The Association for Women Geoscientists has been putting together a pilot mentoring project over the past few months. They've been accepting mentor applications for some time, and now they're making their last call for both mentors and mentees.
From the AWG e-news:
The AWG peer mentoring pilot project has been enrolling mentors since our kick off at the AWG Transitions Convention. We have an interesting mix of AWG mentors, professors, environmental professionals, research lab scientists, and oil and gas professionals. Some are experienced mentors; others are excited to learn how to pass along their experience. We now have more mentors than mentees now but are still accepting mentor applications.
Most people have had informal mentoring relationships over the course of their career. Some employers provide on the job training that is called mentoring. However, there are many reasons to work with an external mentor in a facilitated mentoring relationship. Are you wondering what your next career move should be? Do you need to find someone who can help you:
o Find new role models?
o Gain feedback in a confidential relationship?
o Enhance your networking skills?
o Tap the career wisdom of the senior members of the organization?
o Gain insights into the professional culture?
o Gain wider friendships?
o Gain increased skills to self-direct your career?
Maybe it is time for you to work with a mentor. Noted women’s career advocate, Sheila Wellington, reports, “Mentors are more important to career success than hard work, more important than talent, more important than intelligence. Why? Because you need to learn how to operate in the work world – whether in a corporation, a professional firm, a nonprofit, a university, or the public sector – and mentors can teach you how.”
Don’t let this opportunity pass! Visit the website soon to fill out a mentor or mentee profile: http://www.gulfcreek.com/AWG/. Mentees must be AWG members.

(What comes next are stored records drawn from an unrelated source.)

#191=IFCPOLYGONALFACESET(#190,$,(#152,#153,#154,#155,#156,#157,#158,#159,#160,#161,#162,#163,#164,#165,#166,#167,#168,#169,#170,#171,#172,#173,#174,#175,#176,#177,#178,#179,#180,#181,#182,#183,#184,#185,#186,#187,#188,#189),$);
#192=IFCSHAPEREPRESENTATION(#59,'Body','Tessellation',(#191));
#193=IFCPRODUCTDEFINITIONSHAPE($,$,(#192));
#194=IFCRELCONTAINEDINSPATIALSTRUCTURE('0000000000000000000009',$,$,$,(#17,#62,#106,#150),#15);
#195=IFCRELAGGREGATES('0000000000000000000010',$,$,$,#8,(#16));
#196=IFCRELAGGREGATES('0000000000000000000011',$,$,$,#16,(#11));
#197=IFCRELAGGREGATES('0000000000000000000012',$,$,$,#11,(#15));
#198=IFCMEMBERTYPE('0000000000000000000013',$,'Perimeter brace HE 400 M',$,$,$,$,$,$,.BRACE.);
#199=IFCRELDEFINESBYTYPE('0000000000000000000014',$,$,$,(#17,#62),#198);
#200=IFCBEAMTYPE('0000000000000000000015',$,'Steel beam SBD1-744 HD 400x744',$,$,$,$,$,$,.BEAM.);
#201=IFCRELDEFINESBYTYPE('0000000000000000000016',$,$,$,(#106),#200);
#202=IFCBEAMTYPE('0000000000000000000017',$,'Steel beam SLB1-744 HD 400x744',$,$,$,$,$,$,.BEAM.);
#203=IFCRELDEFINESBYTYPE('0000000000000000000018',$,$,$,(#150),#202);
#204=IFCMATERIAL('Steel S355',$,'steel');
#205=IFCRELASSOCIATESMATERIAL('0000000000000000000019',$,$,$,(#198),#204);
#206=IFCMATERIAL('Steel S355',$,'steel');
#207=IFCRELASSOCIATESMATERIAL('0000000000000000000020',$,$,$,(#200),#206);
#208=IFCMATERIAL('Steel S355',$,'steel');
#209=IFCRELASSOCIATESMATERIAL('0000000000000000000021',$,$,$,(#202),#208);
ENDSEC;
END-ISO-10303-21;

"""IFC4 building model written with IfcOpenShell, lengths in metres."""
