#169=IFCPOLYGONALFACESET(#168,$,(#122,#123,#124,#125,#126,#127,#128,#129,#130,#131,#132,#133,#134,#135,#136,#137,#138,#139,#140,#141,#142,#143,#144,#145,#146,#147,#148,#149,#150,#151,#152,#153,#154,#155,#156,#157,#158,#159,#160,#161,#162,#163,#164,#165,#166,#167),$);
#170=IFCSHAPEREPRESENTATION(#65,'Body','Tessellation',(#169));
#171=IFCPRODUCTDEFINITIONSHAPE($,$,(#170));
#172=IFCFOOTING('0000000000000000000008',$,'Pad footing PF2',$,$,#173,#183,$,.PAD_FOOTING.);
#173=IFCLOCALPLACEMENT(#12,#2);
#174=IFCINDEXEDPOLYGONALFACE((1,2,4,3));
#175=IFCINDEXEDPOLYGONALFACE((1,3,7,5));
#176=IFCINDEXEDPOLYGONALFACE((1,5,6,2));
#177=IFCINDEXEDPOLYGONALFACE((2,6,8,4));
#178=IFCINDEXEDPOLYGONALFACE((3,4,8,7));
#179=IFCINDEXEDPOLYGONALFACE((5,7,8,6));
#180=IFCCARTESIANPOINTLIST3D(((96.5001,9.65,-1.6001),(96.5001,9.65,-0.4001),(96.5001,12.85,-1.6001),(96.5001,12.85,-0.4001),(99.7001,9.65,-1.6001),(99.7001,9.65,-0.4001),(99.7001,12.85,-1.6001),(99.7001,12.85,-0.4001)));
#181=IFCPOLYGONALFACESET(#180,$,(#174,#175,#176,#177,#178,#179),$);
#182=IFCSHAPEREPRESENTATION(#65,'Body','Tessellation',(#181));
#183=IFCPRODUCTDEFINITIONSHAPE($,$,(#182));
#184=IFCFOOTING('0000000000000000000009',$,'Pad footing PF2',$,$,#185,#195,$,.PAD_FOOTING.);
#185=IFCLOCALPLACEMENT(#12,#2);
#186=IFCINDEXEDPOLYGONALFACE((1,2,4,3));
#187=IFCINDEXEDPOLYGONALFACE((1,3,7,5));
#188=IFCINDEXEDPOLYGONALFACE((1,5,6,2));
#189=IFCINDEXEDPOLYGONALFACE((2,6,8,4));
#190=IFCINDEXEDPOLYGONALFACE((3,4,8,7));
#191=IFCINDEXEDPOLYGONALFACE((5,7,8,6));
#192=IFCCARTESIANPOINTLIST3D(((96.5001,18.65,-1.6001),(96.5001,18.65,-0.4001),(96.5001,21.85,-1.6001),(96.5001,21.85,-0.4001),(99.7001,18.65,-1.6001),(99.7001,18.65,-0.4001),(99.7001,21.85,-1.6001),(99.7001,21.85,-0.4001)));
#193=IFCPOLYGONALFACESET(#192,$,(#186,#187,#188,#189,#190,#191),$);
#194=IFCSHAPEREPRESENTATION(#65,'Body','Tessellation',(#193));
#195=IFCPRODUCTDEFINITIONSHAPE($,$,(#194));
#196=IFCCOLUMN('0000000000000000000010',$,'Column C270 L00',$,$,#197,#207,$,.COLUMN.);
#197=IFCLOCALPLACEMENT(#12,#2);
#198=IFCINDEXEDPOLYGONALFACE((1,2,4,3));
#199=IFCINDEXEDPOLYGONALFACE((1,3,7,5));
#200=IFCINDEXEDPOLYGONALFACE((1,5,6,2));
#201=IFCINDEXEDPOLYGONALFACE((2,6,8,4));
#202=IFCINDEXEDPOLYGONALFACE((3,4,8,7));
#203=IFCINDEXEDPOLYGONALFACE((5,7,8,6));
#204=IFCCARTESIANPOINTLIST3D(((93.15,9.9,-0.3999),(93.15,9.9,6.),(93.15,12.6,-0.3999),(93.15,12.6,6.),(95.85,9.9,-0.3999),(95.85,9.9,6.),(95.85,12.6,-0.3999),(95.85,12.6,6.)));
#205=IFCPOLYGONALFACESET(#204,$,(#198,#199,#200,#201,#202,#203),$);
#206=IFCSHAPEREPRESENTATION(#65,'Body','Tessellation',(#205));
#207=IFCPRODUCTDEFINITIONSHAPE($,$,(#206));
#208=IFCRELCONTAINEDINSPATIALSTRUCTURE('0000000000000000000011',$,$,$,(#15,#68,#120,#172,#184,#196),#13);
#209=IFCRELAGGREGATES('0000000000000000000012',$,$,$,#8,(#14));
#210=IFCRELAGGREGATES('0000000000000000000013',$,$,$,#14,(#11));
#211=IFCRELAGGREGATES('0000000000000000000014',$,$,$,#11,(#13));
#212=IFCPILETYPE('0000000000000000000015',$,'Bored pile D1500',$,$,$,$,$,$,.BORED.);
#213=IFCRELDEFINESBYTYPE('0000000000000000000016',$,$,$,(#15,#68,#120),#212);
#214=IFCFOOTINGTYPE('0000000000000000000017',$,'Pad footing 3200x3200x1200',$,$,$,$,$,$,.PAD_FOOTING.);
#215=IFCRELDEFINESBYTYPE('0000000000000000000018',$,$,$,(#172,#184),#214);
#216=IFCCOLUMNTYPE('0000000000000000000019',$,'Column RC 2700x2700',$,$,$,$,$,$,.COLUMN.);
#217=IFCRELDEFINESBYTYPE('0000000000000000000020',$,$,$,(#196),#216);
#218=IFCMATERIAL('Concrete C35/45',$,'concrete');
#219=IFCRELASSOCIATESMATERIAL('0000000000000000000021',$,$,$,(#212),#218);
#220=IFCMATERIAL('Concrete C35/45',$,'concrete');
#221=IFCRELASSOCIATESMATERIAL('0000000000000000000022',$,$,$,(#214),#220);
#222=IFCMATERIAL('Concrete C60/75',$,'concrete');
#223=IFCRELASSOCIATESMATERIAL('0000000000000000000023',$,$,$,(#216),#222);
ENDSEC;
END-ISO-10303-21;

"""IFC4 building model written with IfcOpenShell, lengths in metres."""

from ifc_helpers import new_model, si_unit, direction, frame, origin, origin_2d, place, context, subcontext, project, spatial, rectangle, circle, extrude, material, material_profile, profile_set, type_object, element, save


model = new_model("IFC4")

The website provides a matching process that allows mentors and mentees to each have a choice in the assignment increasing the likelihood of a successful mentoring relationship. The site offers a training tutorial for mentors and mentees, an open access library of mentoring articles, and additional training materials for participants. The site also automates a monthly support program with suggestions for ways to use a mentoring relationship for competency development.
To our knowledge, the AWG Peer Mentoring Center is the first web based mentoring program designed specifically to connect women in a scientific professional organization for coaching or mentoring relationships. Many professional scientific organizations are now embracing mentoring programs for their membership or their student members. Our program combines elements successful in workplace mentoring programs with those from telementoring programs that support students. Our program will teach you about mentoring and support your mentoring relationship.
This is a unique opportunity to enhance your career and help AWG to develop an important new program to benefit our membership. Feel free to contact me with any questions, Elizabeth.pottorff@state.co.us. Thanks!
More information and forms for signing up here. Mentees must be AWG mentors; mentors can be anyone.
(Also, I'm not sure why they don't list the mining industry as employing mentors. If you work with ore deposits and want to help mentor, your expertise might be needed!)